Reaching Grand Canyon West, we had to park the car, walk through the Visitor Center, where we got our tickets, then board a bus to the sites. When you see the prices and the setup, it seems a total tourist trap, I still appreciate the way they set this site up for visitors. Since you can only reach the Skywalk site and the viewpoints by bus, this limits the amount of people who can visit at any given time, making it less congested, while also cutting down on emission.

And while the Skywalk is indeed set up just for tourists, I found he views from the two viewpoints worth he trip. Meaning, if you are afraid of heights, you can sill enjoy the visit. Just skip the Skywalk.

The Skywalk and Eagle Viewpoint

I thought the Skywalk would be nerve wracking, and I wasn’t sure I wanted to do it. But since we drove all the way out there, we all felt we had to. Besides, I didn’t want to let my daughter do it alone. In fact, I felt it was worth it, I actually enjoyed it – although I avoided walking in he middle – like most people, I might add.

The views are exceptional, and it wasn’t half as scary as I anticipated. The structure feels sturdy enough to enjoy walking on it. They give everyone soft coverings for their shoes so the soles don’t scratch the glass.

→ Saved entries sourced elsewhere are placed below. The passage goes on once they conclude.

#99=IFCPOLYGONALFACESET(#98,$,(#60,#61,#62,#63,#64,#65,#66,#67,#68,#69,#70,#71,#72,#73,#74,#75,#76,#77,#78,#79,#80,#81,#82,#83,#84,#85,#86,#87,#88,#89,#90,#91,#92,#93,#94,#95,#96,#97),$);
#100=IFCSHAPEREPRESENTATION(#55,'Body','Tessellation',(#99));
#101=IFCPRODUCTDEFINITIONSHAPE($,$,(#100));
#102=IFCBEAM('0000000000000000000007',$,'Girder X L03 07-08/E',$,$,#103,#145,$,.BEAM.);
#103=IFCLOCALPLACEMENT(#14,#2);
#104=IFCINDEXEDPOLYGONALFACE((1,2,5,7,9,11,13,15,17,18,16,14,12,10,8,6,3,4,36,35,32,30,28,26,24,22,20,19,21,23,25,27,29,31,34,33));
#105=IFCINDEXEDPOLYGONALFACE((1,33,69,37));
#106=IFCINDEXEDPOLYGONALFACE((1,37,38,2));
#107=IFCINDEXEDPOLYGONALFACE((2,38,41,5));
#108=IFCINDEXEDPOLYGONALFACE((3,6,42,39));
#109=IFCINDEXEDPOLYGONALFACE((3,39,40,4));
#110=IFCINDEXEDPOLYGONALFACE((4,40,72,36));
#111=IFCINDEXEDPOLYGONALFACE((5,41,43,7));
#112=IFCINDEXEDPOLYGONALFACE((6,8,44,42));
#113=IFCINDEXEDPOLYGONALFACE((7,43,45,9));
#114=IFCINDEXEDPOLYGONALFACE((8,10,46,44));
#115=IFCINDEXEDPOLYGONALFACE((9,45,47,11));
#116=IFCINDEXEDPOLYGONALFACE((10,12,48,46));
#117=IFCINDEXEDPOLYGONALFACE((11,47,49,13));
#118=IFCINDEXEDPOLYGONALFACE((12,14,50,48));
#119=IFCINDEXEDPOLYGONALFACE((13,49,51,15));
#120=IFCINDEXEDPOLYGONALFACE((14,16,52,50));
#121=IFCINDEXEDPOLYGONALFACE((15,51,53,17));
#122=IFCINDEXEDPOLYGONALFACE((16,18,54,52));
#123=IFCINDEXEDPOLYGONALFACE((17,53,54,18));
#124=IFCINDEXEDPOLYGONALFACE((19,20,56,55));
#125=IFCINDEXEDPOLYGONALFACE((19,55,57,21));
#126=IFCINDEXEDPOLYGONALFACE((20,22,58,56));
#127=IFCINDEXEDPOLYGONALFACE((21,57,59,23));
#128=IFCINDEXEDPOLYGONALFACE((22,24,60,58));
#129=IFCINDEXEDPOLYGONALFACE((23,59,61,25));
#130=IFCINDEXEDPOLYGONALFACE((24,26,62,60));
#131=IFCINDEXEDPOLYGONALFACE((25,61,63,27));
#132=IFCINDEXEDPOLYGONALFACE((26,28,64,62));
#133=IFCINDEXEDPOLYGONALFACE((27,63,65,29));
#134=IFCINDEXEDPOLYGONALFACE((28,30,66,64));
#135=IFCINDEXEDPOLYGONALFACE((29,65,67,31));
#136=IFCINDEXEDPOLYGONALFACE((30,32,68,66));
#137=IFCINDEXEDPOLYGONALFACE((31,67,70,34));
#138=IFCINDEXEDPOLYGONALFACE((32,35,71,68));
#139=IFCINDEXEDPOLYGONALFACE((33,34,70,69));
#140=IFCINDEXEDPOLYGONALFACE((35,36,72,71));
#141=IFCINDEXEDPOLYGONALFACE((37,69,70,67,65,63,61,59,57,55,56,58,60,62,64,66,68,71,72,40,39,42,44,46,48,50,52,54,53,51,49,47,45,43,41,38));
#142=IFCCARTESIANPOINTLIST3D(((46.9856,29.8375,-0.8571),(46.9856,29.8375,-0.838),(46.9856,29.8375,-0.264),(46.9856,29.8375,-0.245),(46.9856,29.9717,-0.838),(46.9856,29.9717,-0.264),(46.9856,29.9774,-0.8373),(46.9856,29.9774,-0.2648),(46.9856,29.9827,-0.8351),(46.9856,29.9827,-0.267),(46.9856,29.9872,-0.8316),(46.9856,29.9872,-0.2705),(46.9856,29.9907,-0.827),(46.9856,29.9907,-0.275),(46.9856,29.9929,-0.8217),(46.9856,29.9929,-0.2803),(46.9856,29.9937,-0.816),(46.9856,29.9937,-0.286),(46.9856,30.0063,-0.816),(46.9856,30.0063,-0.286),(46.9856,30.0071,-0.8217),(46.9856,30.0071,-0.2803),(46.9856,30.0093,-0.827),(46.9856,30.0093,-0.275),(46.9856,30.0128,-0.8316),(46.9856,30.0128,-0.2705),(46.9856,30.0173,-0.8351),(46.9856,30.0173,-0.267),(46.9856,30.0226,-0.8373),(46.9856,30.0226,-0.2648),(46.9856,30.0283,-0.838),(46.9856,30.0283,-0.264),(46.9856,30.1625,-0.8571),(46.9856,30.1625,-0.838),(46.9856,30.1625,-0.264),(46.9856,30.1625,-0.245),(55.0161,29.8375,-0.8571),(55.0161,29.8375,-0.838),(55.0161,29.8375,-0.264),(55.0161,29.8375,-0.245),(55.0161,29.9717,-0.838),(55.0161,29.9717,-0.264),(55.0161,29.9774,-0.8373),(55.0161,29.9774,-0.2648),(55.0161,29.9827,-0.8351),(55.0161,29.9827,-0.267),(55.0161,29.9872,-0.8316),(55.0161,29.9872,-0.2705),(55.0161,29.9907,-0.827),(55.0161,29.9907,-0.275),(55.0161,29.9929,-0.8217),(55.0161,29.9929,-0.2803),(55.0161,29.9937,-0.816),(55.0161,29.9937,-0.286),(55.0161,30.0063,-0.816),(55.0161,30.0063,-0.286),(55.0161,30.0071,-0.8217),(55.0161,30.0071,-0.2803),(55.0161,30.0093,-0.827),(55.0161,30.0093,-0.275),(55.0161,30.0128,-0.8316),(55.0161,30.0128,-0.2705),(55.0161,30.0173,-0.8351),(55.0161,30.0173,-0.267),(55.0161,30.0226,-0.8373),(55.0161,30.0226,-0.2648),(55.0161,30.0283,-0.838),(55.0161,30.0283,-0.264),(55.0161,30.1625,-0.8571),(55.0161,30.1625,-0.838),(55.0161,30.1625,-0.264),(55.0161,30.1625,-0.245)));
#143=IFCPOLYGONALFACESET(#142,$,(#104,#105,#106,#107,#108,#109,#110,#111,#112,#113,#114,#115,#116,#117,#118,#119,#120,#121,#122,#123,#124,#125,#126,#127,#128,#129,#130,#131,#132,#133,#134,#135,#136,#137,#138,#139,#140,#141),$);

We could no take anything out on the skywalk, including phones and cameras. Local photographers were offering to take photos of the visitors who felt the need to own a proof that they were there, on the glass bridge. None of us felt the need for it; we wanted the experience, not necessarily the proof that we did it.

As spectacular as it was, the skywalk was not the highlight of my visit. I enjoyed the Guano Point viewpoint and hike along the rim much more. But before we boarded the second bus to Guano Point, we stopped to enjoy the view of Eagle Point, and walked through the exhibit of Native homes along a trail.

Grand Canyon West: Eagle Point
Grand Canyon West: View of Eagle Point

As of why it is called Eagle Point… do you see the eagle with outstretched wings in the above photo?

Guano Point

At Guano Point, a short trail leads along he “Highpoint Hike” around an old mine site on the rim, offering multiple views of the Grand Canyon from a few different perspectives. This is the area where you’ll have the best views of he the Colorado River on the bottom of the Canyon. Although I have to admit, the water level is so down, we noticed it even looking at it from the top.

Guano Point overlook. Grand Canyon West

Why name Guano Point such a gorgeous overlook? Guano is bat droppings, a nitrogen-rich fertilizer. When a passing boat discovered a guano cave in he canyon in he 1930s, he US Guano Corporation bought he property and built an aerial tramway from the mine to Guano Point to extract it. When they exhausted the cave’s resources, some 20 years later, they abandoned it. Soon after, a US Air Force jet crashed into the cable system and permanently disabled it. We saw the remains of the structures, left there as a reminder of man’s attempt to mine the canyon.

Was the Visit to Grand Canyon West Worth it?

If I was visiting Arizona and I had limited time to explore he state, I probably would not travel so far for these views, and the famous Skywalk. Arizona offers way too much, closer to the airport in Phoenix, for first-time visitors to explore this corner. However, living in he sate for so long, and considering that it only took us a weekend to visit the area, it was definitely worth it. I can’t believe we waited so long.

Though I don’t see a reason for us to return, I feel it was an experience worth the drive.